Commissioner Angela M. Zimmerlink said the purpose for the county getting the deed for the former Army Reserve Center was “for correctional facility activities and the like,” adding that she was surprised that the public announcement included in the agenda stated that it was for the new location of the prison.

“Everybody thinks we’re going to be going out there and building a new jail there real quick,” Zimmerlink said.

Zimmerlink said Sunday that the commissioners’ application to acquire the property at no cost for correctional facility purposes was approved with deed delivery this past week.

Vicites said that plans for the current prison in the event that the jail is moved to the former reserve center are still to be determined, adding that it will not be demolished since it is included in the National Register of Historic Places.

The American Civil Liberties Union of Pennsylvania filed a lawsuit on behalf of four inmates last month against the Fayette County Prison Board on behalf of inmates over alleged inhumane conditions at the county prison.

The meeting did not include any public comment about the former U.S. Army Reserve Center site announcement, but it did include the commissioners placing on the agenda for its next voting meeting authorization of property appraisals for 250 McClellandtown Road, a parcel adjoining the site. The appraisals, to be conducted by a certified real estate appraiser and the chief county assessor, are required for the county to either purchase the property or take it through eminent domain, county Solicitor Jack Purcell said.

“This is the only other piece of property that would make up that whole tract that we would use for the new prison,” Purcell said.

Purcell alluded to the county having purchased a 0.15-acre parcel adjoining the 6.5-acre reserve center property in 2016, adding that acquiring the 250 McClellandtown Road parcel would bump up the property being considered for the prison tract to approximately eight acres.

Vicites and Purcell noted bipartisan support throughout the deed transfer process from the offices of several federal legislators, including Republican Sen.
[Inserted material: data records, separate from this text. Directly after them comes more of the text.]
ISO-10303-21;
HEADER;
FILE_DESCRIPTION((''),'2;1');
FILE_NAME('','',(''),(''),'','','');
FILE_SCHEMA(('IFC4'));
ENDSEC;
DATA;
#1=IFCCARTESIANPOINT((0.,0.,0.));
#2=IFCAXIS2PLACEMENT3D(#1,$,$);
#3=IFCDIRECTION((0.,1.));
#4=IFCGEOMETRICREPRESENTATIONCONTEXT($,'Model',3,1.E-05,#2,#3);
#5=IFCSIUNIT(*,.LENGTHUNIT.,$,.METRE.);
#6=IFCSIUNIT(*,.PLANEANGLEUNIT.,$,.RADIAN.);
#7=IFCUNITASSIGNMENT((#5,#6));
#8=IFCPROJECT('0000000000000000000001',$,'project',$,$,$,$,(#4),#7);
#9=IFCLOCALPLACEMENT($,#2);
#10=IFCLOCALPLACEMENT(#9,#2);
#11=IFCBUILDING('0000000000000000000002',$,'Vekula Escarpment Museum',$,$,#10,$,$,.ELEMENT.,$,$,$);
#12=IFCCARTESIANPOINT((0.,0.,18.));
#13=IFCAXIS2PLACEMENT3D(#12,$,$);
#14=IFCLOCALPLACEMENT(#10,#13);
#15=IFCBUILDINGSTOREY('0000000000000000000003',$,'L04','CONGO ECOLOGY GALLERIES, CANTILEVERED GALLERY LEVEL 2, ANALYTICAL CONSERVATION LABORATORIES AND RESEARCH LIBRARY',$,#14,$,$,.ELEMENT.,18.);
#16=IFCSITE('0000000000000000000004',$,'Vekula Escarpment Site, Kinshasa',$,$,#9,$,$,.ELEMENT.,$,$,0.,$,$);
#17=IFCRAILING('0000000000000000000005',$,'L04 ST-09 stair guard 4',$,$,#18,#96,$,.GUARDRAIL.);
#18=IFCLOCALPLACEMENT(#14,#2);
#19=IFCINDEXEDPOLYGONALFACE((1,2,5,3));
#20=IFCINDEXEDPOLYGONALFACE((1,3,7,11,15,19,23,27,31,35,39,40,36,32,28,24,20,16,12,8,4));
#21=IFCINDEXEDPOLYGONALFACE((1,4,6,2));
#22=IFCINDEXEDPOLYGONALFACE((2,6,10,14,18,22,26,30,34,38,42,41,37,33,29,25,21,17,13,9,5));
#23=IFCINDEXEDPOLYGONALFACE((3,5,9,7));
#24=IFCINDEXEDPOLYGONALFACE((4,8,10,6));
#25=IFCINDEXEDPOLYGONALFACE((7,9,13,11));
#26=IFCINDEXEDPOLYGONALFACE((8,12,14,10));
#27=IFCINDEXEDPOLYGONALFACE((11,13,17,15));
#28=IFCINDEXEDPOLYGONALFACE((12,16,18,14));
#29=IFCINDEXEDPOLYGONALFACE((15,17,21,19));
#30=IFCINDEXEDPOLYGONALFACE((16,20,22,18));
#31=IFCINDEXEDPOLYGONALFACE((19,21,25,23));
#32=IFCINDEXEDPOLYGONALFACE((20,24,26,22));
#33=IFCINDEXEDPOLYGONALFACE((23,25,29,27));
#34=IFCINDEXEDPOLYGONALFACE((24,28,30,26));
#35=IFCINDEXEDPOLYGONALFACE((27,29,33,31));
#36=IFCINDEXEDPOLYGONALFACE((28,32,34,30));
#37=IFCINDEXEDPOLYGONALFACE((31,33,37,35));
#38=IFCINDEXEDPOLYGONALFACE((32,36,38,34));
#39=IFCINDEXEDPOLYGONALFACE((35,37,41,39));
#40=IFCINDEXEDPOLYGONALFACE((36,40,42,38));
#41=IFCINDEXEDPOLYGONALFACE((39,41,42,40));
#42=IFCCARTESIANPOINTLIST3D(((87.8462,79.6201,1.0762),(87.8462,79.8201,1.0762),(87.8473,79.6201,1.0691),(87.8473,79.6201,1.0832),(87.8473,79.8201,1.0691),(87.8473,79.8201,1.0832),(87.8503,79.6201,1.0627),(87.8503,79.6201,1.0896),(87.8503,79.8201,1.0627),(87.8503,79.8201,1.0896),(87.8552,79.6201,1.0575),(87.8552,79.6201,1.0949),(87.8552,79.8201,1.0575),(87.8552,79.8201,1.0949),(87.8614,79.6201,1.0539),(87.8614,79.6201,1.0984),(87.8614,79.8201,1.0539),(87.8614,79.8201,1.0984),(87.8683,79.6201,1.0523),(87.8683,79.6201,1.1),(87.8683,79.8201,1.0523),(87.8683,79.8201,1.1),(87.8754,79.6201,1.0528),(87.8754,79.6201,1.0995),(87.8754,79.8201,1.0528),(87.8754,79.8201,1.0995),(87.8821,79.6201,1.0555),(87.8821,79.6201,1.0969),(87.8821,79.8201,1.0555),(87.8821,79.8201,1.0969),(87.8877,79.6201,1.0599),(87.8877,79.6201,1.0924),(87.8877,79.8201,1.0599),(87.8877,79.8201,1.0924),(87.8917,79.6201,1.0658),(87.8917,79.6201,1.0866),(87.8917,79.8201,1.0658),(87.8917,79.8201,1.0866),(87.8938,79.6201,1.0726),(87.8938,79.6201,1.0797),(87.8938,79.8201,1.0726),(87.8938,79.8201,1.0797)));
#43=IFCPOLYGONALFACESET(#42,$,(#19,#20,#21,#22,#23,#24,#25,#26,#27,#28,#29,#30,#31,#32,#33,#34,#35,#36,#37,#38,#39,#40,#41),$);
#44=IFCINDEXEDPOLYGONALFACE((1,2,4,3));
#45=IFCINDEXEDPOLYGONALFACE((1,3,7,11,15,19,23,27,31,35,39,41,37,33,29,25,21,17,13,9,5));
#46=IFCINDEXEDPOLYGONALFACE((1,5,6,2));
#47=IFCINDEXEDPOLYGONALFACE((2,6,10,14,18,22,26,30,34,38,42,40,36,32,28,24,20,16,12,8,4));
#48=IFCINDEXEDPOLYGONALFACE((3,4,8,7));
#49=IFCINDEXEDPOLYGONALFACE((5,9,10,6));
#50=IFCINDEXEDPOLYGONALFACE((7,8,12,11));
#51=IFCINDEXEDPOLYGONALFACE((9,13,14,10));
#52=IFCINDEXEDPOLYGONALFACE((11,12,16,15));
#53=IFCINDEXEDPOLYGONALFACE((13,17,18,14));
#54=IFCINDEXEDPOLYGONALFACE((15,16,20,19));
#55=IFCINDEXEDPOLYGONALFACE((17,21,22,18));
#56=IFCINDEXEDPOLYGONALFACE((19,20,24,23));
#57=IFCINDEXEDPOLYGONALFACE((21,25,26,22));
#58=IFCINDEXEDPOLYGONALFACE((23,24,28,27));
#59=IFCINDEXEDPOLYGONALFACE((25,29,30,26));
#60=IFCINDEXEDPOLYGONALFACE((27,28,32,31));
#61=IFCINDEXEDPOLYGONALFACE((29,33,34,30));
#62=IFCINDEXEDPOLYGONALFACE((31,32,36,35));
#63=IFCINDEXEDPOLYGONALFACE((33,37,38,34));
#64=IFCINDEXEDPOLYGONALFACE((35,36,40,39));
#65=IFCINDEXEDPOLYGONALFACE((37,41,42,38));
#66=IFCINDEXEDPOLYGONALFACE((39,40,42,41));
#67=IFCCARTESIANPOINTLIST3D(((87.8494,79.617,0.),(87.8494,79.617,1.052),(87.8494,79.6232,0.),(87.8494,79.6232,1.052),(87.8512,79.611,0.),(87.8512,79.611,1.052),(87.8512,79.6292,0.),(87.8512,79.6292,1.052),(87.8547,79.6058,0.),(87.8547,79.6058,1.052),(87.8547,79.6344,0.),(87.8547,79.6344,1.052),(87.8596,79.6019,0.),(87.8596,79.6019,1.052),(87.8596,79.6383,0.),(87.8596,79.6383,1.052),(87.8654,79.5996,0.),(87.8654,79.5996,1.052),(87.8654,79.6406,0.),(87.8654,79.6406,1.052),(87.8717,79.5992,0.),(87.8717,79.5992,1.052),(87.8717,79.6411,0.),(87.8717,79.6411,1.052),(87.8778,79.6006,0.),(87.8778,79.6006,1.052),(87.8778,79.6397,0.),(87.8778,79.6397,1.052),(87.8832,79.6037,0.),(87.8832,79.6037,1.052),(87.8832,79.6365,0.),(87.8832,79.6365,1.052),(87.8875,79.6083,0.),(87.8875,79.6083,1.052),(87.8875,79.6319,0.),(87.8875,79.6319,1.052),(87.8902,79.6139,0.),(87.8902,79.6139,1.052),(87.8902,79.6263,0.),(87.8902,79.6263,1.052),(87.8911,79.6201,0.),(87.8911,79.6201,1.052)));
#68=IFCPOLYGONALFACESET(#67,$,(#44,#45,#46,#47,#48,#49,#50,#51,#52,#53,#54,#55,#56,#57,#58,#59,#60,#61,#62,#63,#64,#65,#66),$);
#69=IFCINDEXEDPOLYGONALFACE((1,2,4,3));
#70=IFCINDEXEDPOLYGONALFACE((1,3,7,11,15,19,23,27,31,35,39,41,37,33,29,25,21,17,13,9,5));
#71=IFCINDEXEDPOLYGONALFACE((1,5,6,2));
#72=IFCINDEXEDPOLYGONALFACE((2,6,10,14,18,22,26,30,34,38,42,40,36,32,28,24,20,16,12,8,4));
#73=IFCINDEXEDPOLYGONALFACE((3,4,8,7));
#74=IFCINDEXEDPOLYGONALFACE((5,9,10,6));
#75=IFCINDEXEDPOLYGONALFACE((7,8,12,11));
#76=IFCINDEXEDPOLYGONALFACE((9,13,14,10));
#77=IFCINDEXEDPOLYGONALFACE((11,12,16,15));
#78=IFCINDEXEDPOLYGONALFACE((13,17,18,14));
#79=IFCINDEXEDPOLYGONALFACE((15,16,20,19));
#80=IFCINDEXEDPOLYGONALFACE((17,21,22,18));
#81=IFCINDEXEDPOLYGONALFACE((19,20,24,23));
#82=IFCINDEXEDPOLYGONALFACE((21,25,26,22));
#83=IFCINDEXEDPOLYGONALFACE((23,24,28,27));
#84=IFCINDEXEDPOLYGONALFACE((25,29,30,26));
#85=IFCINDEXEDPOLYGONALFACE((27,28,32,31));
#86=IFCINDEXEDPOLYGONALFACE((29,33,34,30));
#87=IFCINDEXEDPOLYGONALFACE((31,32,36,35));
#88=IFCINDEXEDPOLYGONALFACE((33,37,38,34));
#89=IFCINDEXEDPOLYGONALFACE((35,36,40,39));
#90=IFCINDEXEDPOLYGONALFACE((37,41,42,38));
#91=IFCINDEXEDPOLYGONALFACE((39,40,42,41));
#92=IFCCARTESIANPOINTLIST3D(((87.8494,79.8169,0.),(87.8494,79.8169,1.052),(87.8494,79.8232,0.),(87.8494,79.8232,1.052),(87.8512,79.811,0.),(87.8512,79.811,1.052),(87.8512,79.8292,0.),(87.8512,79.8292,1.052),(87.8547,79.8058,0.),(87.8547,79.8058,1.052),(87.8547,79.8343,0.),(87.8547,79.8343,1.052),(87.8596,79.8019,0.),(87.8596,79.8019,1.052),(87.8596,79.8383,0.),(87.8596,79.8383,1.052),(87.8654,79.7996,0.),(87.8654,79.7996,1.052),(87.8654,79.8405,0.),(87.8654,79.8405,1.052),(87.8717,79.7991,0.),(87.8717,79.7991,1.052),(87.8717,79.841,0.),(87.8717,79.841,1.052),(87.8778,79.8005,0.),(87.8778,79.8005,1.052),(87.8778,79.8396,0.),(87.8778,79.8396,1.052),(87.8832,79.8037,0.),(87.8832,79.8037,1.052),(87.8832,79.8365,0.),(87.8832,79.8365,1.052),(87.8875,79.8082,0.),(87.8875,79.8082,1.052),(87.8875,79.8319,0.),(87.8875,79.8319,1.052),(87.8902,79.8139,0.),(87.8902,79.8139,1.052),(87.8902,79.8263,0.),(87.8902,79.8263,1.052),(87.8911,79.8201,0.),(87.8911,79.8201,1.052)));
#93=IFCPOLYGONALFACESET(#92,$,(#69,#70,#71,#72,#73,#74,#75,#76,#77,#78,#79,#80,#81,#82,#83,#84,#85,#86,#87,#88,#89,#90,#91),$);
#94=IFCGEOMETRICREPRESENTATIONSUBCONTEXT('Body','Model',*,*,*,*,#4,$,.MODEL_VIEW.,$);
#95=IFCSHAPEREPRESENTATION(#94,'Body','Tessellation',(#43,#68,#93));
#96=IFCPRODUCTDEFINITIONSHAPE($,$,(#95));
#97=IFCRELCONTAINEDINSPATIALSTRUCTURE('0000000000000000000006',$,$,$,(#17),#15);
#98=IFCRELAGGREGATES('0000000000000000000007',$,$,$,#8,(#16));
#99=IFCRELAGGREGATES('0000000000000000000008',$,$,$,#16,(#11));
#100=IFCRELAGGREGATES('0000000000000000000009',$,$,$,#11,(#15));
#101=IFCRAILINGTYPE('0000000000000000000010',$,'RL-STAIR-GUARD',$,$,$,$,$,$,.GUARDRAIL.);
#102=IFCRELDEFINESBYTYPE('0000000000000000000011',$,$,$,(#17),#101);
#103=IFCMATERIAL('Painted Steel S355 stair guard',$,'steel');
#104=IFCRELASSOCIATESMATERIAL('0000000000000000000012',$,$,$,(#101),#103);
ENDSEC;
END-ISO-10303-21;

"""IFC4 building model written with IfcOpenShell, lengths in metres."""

from ifc_helpers import new_model, si_unit, direction, frame, origin, origin_2d, place, context, subcontext, project, spatial, circle, extrude, material, type_object, element, save


model = new_model("IFC4")

# Units and contexts
model_context = context("Model", 3, precision=1e-05, world=origin(), true_north=direction((0.0, 1.0)))
body_context = subcontext(model_context, "Body", "Model", "MODEL_VIEW")
ifc_project = project(units=[si_unit("LENGTHUNIT", "METRE"), si_unit("PLANEANGLEUNIT", "RADIAN")], contexts=[model_context])

# Site, building, storey
site_placement = place(None, origin())
site = spatial("IfcSite", under=ifc_project, at=site_placement, Name="Vekula Escarpment Site, Kinshasa", CompositionType="ELEMENT", RefElevation=0.0)
building_placement = place(site_placement, origin())
building = spatial("IfcBuilding", under=site, at=building_placement, Name="Vekula Escarpment Museum", CompositionType="ELEMENT")
storey_placement = place(building_placement, frame((0.0, 0.0, 18.0)))
storey = spatial("IfcBuildingStorey", under=building, at=storey_placement, Name="L04", Description="CONGO ECOLOGY GALLERIES, CANTILEVERED GALLERY LEVEL 2, ANALYTICAL CONSERVATION LABORATORIES AND RESEARCH LIBRARY", CompositionType="ELEMENT", Elevation=18.0)

# Railing
ifc_material_1 = material(Name="Painted Steel S355 stair guard", Category="steel")
railing_type_1 = type_object("IfcRailingType", Name="RL-STAIR-GUARD", PredefinedType="GUARDRAIL", material=ifc_material_1)
railing_1_placement = place(storey_placement, frame((87.8701, 79.6201, 0.0)))
element("IfcRailing", 1, at=railing_1_placement, inside=storey, type_object=railing_type_1, Name="L04 ST-09 stair guard 4", PredefinedType="GUARDRAIL", context=body_context, shape_type="SweptSolid", body=[
    extrude(circle(Radius=0.0239, at=origin_2d()), frame((0.0, 0.0, 1.0762), z_axis=(0.0, 1.0, 0.0), x_axis=(-1.0, 0.0, 0.0)), (0.0, 0.0, 1.0), 0.2),
    extrude(circle(Radius=0.021, at=origin_2d()), origin(), (0.0, 0.0, 1.0), 1.052),
    extrude(circle(Radius=0.021, at=origin_2d()), frame((0.0, 0.2, 0.0)), (0.0, 0.0, 1.0), 1.052),
])

save(model, "model.ifc")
Pat Toomey, Democratic Sen. Bob Casey and Rep. Bill Shuster, R-Hollidaysburg, with Vicites adding that John Frick, regional director for Toomey, “started the ball rolling.”

“The federal government has a lot of hoops you have to jump through to get this done,” Vicites said.

“We have some work to do, yeah,” Lohr said of making a new county prison a reality. “But it’s going to be on the front-burner to get it accomplished this time. I campaigned on it, and I’m going to try my absolute best to make sure that it takes place.”